4th Mathematics Webinar

Fractional Calculus and Its Applications

The idea of a fractional derivative and a fractional integral (the fractional calculus) goes back to the time when (integer) calculus was being developed in the late Seventeenth Century. In a letter from Guillaume l’Hospital to Gottfried von Leibnitz written in 1695, l’Hospital asked the following question: “Given that dnf(x)/dxn exists for all integer n, what if n be ½”? The reply from Leibnitz was all the more interesting: “It will lead to a paradox ... From this paradox, one day useful consequences will be drawn”. The foundations of Fractional Calculus were constructed later in the Nineteenth Century by mathematicians such as Joseph Liouville, and, in particular, Niels Henrik Abel, whose work led to the re-birth of the subject. During this period, many of the fundamental elements of the subject were conceived including the mutual inverse relationships between fractional-order integrals and differentials in terms of the same generalized operations.

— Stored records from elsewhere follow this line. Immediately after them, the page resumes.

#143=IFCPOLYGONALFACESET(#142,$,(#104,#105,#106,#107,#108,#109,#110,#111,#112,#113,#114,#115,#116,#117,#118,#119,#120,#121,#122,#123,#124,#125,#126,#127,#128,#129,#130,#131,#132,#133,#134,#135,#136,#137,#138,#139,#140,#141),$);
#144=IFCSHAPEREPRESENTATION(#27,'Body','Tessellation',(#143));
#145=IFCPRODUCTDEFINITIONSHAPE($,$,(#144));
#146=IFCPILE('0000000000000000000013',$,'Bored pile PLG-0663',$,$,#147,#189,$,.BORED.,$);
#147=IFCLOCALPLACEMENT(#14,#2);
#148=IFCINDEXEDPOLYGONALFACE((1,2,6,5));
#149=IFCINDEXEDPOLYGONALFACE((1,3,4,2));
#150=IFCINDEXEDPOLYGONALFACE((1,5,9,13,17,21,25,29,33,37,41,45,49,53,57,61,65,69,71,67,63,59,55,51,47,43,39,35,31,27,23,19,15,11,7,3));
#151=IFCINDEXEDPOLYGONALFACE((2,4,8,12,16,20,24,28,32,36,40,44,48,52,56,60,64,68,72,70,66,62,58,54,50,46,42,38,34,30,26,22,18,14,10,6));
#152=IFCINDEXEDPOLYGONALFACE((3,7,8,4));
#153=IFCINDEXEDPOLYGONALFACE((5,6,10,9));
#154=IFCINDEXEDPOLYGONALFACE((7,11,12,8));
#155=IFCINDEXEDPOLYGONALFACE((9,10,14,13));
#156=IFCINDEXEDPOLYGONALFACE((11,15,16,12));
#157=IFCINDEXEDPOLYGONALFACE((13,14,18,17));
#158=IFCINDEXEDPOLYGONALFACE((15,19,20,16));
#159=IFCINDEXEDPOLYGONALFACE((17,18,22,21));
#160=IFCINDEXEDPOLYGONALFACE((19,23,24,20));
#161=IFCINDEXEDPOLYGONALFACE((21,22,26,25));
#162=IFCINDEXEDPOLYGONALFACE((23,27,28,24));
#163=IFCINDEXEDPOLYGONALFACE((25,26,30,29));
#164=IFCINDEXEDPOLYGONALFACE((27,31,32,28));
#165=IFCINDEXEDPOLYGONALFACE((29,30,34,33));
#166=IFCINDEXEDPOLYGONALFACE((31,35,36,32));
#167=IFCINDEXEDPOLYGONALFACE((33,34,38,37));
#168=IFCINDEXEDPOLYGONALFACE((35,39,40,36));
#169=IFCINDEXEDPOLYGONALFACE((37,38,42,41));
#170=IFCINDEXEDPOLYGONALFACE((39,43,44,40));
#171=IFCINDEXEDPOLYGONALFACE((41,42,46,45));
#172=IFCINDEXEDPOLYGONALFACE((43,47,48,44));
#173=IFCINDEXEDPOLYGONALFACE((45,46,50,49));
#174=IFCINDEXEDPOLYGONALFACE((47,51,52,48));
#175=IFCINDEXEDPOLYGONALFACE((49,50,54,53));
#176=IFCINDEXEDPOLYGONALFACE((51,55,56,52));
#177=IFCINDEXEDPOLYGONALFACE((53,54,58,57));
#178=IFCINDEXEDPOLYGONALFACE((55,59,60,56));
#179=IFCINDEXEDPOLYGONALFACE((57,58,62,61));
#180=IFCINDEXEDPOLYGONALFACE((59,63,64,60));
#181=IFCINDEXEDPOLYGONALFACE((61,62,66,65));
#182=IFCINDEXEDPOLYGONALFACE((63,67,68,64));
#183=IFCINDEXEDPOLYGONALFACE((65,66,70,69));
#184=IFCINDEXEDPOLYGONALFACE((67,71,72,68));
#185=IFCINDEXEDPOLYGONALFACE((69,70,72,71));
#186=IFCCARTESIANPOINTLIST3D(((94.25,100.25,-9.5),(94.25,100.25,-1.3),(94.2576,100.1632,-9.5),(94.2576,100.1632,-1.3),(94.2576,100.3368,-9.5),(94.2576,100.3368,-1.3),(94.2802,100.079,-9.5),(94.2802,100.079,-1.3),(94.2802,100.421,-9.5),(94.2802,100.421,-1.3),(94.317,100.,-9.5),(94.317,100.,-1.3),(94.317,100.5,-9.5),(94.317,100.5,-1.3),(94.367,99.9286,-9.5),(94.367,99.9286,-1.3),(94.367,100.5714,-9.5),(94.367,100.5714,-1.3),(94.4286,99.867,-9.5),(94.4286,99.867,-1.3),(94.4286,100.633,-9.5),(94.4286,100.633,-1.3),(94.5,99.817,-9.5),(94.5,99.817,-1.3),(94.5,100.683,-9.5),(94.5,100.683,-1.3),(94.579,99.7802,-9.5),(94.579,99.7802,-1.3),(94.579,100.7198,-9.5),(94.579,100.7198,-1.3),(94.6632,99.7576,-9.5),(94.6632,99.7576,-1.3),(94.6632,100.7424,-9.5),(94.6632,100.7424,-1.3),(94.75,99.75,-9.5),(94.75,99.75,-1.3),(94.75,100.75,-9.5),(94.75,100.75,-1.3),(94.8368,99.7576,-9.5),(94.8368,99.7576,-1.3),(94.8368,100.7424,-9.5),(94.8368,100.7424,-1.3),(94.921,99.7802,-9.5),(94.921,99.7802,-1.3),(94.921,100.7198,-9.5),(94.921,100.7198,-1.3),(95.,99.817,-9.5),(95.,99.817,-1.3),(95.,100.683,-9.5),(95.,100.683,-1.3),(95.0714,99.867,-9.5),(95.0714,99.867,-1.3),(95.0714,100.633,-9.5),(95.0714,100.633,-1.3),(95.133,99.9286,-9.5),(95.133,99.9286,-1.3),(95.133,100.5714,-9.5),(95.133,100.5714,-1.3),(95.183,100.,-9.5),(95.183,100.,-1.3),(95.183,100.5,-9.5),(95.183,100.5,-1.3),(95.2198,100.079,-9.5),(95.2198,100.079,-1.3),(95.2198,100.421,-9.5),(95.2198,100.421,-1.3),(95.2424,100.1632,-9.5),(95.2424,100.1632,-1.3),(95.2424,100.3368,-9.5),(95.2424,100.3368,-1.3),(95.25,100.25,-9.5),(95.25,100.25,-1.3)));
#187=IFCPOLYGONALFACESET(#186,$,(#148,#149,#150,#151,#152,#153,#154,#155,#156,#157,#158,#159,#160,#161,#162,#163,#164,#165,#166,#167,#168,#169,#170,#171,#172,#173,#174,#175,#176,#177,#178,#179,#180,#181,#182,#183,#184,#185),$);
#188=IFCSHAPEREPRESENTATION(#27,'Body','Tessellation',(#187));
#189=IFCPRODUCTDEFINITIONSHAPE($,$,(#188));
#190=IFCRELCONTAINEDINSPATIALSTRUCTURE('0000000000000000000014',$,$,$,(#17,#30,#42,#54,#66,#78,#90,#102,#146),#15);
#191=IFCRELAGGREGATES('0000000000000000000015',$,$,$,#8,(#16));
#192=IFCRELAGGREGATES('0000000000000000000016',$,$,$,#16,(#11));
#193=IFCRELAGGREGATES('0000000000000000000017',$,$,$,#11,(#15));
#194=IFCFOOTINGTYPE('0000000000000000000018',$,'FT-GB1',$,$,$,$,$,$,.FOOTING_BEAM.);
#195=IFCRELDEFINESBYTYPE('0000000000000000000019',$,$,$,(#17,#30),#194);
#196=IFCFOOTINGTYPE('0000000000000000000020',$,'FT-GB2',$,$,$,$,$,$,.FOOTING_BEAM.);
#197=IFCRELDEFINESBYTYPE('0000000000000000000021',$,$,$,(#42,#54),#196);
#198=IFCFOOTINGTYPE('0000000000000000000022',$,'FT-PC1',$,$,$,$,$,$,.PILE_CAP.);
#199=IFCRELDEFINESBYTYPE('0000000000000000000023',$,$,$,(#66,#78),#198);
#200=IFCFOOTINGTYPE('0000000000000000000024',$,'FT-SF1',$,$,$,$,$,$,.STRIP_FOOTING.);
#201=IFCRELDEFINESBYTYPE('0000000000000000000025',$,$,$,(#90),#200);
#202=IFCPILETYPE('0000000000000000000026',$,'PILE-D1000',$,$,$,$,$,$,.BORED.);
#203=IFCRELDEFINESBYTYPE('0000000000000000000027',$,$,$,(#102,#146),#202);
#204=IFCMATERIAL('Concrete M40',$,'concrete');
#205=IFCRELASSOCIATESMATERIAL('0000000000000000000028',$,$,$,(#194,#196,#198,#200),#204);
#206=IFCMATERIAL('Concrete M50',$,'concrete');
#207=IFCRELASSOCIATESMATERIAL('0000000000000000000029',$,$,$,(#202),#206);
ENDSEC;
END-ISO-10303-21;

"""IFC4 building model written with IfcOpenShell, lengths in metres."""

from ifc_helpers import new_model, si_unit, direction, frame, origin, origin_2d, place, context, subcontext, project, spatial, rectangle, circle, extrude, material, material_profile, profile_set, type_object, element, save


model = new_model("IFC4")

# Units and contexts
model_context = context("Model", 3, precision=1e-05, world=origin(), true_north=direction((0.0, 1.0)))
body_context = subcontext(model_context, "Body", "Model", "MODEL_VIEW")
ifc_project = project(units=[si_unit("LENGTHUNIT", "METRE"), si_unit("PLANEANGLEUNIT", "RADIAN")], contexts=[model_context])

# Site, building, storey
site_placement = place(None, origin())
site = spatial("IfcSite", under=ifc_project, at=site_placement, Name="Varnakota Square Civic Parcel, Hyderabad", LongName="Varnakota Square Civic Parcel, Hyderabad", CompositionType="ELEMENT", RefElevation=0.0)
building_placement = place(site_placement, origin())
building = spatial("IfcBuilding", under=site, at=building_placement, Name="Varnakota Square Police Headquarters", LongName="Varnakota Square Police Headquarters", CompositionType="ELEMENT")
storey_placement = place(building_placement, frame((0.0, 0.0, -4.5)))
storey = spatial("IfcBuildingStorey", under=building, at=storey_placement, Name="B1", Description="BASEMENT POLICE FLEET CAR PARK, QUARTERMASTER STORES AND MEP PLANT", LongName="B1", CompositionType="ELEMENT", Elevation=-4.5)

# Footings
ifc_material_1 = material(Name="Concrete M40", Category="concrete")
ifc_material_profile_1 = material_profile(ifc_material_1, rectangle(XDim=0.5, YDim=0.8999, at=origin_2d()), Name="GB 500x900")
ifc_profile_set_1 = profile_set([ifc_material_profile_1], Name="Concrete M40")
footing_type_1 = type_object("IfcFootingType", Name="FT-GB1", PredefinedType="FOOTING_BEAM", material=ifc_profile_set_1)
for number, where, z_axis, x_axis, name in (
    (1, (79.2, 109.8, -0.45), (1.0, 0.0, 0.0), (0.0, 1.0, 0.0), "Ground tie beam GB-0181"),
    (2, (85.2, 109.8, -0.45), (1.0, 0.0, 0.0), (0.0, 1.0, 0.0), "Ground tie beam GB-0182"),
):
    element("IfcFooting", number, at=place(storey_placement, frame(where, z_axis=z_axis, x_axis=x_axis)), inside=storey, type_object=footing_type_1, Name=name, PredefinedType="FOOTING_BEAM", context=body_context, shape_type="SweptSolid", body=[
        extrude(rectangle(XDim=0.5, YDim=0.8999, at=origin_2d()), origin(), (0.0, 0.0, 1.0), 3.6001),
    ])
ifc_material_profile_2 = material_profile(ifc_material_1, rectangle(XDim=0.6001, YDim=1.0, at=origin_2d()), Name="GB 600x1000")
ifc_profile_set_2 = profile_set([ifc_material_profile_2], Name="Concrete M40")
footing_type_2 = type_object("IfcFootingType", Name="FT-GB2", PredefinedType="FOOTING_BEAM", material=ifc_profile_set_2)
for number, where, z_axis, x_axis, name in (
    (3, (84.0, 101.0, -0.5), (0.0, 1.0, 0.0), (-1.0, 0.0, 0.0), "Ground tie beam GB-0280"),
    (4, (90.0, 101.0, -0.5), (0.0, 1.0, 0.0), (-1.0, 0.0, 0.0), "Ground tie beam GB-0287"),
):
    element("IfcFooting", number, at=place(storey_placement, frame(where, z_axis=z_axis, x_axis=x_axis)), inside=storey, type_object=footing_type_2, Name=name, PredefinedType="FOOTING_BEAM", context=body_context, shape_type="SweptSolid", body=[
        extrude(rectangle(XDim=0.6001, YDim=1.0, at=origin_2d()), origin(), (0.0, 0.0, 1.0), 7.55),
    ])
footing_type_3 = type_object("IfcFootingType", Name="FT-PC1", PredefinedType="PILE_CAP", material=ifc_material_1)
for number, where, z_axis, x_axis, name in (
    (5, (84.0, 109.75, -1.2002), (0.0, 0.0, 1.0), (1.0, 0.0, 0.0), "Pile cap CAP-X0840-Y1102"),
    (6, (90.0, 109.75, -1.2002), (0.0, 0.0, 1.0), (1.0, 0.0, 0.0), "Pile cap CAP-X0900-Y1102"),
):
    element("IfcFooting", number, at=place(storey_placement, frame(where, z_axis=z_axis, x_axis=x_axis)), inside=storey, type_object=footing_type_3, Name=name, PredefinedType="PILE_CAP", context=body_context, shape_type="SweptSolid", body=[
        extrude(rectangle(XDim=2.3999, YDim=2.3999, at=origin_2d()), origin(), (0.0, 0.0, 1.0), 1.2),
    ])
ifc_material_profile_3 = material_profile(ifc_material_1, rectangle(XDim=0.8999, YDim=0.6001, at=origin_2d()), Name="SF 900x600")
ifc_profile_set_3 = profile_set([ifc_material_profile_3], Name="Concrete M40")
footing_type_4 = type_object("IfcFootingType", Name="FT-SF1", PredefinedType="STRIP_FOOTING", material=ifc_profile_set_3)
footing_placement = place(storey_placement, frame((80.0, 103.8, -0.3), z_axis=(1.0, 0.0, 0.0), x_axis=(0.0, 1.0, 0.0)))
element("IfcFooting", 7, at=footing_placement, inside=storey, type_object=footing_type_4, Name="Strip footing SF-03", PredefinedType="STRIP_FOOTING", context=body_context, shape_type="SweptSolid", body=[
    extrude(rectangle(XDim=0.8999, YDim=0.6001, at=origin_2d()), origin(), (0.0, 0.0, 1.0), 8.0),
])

Although both the theory and applications of fractional calculus continued to be developed over the Twentieth Century, relatively few papers, journals, conferences, and books were devoted to the subject compared to other areas of mathematics. However, since the start of the current century, there has been a considerable expansion of interests in the subject area, coupled with a growing range of applications. It is in this context that this webinar is being provided which will cover aspects of the history of the subject, its more recent developments, and some of the modern applications to which it is being applied.

Date: 25 November 2022

Time: 2:00 pm CET | 8:00 am EST | 9:00 pm CST Asia

Webinar ID: 881 3441 2882

Webinar Secretariat: mathematics.webinar@mdpi.com

Chair

SFI Stoke Professor School of Electrical and Electronic Engineering, Technological University Dublin, Ireland

DETAILS
Talk
The presentation focuses on demonstrating how certain random self-affine fields can be cast in terms of the solution(s) to various classes of stochastic fractional differential equations. This is undertaken using a fundamental field equation in statistical mechanics (the Evolution Equation, first derived by Einstein in 1905) in order to provide a unifying theme. It is shown how the application of a Levy distribution to this equation yields the spatial Fractional Diffusion Equation (FDE) and how the application of certain memory functions (applied to the Generalized Kolmogorov-Feller Equation) generates a temporal FDE. Example fundamental solutions to these equations are provided, and investigated in terms of the visualization of various random fractal fields. These include the Mandelbrot surface (for the time independent case), and time dependent fields that are relevant to the analysis of time series with a wide range of applications.
Bio
Prof. Dr. Jonathan M. Blackledge obtained a PhD degree in Theoretical Physics from London University in 1984, and a second PhD in Mathematics from the Jyvaskyla University in 2010. After a parallel career in the scientific civil service, academia, and industry, in 2008, he was elected to the position of the Science Foundation Ireland's Stokes Professor (named after the Irish Mathematician and Physicist, George Gabriel Stokes). From 2013-2016, he was Deputy Vice-Chancellor for Research at the University of KwaZulu-Natal and currently holds professorships with research institutes and universities in the UK and overseas while directing R & D programs for the UK defense and intelligence sectors and in industry, focusing on post-quantum cryptography. He is Director of Cyber Security for Smart Data and Assets Limited in the City of London and a Fellow of the Institute of Mathematics and its Applications.

Invited Speakers

Facultad de Ciencias Exactas y Naturales y Agrimensura (FaCENA), Universidad Nacional del Nordest (UNNE), Argentina,
Facultad Regional Resistencia (FRRE), Universidad Tecnológica Nacional (UTN), Argentina

DETAILS
Talk
In this presentation, we will touch on some historical aspects of Fractional Calculus, its main exponents, and some of the most recent applications, mainly linked to Integral Inequalities.
Bio
Prof. Dr. Juan E. Nápoles Valdes graduated with a Bachelor of Education, specializing in Mathematics in 1983. He studied two specialties and completed a Doctorate in Mathematical Sciences in 1994, at the Universidad de Oriente (Santiago de Cuba). In 1997 he was elected President of the Cuban Mathematical Society and Computing until 1998 when he established a residence in the Argentine Republic. He has directed postgraduate courses in Cuba and Argentina and held management positions in several Cuban and Argentine universities. He has published different works in scientific journals specializing in the topics on qualitative theory of ordinary differential equations, mathematics education, problem solving, and the history and philosophy of mathematics. He has received several awards and distinctions for his teaching and research work.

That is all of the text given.